Another flies to Mayo Clinic in Phoenix after a serious diagnosis from MRI in Grand Junction and she's only 40.

I certainly wouldn't have moved here if I had any serious ongoing medical issues but couldn't deal with staying outside Boston for the rest of my life just in case I had a serious medical issue.
The lack of specialized medical care in rural areas isn’t new.

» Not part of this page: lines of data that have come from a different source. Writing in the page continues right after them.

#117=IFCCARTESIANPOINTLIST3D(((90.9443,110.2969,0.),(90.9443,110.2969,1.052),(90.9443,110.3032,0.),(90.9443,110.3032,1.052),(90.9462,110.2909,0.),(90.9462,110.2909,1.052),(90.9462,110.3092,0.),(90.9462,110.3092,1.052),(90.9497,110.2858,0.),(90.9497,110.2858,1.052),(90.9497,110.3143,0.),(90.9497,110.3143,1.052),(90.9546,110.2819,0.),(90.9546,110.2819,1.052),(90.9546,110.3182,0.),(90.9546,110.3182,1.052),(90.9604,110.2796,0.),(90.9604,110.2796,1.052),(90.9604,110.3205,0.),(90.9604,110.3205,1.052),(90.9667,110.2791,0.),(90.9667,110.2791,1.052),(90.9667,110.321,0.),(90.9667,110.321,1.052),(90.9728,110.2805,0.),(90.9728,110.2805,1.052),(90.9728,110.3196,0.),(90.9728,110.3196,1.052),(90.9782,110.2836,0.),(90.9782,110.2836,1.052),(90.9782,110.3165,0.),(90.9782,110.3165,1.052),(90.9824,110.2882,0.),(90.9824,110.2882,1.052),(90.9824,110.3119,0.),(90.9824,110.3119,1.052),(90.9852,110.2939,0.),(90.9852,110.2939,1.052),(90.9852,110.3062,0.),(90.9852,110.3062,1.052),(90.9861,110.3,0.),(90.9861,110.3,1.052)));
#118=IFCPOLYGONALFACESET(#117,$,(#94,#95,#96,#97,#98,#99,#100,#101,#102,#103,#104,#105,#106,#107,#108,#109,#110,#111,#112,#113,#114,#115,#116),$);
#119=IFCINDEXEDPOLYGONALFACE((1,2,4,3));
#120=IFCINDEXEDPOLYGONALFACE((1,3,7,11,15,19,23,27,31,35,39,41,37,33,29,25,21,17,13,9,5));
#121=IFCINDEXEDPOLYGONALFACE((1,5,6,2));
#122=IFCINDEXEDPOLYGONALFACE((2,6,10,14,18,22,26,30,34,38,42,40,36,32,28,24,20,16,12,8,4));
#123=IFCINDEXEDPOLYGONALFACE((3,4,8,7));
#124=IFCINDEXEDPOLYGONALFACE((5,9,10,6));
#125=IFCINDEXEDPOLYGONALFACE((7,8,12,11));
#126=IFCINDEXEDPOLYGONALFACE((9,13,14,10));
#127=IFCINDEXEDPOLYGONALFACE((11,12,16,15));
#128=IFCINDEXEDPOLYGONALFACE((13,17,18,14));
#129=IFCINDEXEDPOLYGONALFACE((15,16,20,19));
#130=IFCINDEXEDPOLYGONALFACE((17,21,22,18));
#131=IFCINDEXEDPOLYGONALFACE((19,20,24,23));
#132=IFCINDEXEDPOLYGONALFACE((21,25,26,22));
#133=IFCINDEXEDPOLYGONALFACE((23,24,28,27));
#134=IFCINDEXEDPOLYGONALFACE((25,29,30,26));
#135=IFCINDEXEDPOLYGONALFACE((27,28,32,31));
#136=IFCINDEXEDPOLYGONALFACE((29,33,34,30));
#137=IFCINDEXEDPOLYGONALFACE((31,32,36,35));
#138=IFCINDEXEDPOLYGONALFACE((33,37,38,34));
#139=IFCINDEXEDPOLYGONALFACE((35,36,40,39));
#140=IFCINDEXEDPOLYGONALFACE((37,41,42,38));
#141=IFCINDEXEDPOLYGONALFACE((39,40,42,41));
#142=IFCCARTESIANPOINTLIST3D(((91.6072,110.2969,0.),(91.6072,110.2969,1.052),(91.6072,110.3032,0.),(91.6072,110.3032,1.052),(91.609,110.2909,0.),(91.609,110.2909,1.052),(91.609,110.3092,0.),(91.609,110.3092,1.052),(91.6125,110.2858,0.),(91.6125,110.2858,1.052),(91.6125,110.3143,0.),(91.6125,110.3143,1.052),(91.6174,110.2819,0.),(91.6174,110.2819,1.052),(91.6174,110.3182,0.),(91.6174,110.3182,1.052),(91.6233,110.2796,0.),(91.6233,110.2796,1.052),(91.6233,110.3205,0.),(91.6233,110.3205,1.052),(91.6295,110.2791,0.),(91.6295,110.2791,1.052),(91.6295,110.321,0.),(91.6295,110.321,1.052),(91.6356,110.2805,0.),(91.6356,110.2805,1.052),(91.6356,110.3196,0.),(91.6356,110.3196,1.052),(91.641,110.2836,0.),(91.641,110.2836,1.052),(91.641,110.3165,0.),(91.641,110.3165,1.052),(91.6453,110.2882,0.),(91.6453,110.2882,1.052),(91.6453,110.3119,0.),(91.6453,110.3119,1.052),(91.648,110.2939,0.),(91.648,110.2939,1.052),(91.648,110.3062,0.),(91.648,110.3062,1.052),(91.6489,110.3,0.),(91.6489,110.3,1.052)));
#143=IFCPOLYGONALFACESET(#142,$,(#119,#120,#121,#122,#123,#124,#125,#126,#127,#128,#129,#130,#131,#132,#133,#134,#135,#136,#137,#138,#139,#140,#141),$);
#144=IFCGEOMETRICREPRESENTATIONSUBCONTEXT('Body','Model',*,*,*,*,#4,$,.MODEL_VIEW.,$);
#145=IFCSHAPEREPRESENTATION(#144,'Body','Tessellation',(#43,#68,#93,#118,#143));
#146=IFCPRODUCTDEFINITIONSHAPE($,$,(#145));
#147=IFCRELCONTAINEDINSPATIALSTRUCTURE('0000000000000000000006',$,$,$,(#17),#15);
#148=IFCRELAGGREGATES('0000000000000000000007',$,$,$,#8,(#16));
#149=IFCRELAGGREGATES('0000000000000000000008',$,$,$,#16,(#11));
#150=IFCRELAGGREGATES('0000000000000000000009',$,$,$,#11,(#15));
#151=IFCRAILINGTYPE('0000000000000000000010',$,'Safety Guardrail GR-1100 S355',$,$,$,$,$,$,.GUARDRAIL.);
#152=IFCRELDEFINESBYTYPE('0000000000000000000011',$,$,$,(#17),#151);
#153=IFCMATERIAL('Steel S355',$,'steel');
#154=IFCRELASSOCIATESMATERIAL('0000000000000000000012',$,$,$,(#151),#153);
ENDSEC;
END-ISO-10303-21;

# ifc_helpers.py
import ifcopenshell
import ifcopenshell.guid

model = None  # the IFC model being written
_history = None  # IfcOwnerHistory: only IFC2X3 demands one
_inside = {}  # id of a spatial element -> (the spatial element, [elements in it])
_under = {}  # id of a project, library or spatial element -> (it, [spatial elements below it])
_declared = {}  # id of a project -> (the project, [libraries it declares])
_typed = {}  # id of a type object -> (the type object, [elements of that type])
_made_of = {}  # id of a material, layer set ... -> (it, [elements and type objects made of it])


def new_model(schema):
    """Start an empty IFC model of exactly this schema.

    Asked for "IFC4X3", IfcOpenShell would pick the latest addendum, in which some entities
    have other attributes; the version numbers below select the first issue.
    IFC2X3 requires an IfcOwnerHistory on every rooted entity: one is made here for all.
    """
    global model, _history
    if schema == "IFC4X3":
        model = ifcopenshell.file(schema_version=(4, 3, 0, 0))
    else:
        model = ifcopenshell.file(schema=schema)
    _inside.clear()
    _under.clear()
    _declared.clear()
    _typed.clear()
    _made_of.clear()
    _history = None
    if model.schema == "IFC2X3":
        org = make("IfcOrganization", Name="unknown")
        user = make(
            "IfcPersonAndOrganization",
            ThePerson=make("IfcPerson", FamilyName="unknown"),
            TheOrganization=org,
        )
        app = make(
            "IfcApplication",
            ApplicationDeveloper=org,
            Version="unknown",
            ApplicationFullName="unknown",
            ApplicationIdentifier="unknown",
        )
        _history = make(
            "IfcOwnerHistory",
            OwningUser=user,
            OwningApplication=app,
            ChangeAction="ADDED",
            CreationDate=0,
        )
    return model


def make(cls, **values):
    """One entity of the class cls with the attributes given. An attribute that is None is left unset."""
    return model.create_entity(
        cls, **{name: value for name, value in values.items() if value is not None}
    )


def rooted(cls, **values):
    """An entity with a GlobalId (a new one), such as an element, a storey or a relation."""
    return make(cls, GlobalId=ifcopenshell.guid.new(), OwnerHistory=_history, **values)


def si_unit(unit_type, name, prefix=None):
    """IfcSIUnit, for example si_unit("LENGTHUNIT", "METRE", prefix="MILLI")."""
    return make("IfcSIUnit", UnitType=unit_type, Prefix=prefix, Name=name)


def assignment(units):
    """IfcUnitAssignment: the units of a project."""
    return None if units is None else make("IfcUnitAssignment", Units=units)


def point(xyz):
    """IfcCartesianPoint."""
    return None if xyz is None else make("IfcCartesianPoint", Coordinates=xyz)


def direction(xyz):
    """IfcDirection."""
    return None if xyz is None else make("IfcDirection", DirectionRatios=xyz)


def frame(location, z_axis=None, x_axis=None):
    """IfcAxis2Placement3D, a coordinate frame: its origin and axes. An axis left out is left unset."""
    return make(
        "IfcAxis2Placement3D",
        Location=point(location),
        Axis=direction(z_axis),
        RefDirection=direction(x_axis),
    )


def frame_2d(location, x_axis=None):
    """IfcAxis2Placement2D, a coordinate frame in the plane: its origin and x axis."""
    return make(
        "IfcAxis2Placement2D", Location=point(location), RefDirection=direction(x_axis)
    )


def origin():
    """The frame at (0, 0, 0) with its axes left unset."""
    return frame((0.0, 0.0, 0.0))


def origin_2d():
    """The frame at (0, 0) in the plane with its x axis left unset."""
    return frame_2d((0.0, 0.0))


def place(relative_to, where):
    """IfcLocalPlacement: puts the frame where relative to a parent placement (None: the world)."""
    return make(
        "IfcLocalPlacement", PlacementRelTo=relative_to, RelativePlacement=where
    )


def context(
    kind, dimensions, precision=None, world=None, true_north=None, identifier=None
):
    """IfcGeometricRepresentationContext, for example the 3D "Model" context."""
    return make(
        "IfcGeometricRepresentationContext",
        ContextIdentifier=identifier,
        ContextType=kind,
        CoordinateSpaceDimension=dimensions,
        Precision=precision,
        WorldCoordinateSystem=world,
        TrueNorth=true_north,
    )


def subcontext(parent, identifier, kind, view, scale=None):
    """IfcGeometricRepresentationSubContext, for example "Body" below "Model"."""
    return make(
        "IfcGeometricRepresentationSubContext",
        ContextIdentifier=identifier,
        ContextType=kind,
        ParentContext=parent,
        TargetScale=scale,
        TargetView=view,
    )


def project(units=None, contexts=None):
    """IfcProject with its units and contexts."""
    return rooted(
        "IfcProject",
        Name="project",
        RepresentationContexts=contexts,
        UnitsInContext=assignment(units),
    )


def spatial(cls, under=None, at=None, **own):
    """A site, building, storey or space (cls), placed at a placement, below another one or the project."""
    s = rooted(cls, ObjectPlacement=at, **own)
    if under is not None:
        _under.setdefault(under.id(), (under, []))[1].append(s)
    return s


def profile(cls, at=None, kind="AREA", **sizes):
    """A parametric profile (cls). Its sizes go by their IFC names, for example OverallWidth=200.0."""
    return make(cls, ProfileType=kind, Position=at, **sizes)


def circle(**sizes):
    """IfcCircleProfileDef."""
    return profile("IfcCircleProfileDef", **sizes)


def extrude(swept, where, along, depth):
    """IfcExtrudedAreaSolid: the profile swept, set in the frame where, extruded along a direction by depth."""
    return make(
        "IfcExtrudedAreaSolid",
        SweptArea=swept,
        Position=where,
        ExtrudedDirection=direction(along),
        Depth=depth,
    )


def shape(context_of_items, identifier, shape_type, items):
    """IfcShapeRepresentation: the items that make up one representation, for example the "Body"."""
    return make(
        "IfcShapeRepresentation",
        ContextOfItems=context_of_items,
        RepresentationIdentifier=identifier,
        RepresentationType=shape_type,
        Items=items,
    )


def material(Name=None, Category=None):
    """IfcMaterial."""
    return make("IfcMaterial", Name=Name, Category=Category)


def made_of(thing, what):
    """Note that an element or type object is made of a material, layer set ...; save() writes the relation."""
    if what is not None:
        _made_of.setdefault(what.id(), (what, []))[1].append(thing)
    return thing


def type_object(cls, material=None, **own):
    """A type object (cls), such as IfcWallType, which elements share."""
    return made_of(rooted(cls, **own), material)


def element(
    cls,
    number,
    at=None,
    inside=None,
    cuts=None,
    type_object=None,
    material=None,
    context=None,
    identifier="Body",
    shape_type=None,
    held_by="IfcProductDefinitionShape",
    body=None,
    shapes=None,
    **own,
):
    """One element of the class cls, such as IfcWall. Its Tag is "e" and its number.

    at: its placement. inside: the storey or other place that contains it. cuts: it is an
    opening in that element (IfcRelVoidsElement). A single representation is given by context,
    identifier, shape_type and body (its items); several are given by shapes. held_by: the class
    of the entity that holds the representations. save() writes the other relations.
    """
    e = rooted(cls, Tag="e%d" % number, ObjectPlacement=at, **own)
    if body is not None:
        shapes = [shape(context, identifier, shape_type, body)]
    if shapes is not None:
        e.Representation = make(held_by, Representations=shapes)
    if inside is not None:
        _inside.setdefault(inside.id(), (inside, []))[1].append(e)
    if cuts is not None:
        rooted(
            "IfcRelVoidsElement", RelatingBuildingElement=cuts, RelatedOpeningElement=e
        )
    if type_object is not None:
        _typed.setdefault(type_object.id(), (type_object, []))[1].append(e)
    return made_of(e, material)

What IS new and disturbing is the paucity of even basic health care. In my town, I was assigned (not allowed to choose) a PCP, who was a nurse. I went for an “intake visit”, since getting an actual physical checkup is not allowed until after that is done. Then I dutifully scheduled the real exam, which was not available for another 3 months. As that day approached, I got a call saying the nurse had been transferred to a different department and now I had a different nurse as PCP, who was not available for another few weeks. I saw her, expecting to get the much-delayed exam including a PAP test that had not been done since at least 6 yrs earlier. Turned out it was yet another “intake exam”! So I scheduled a physical with Nurse #2, which should have occurred last month.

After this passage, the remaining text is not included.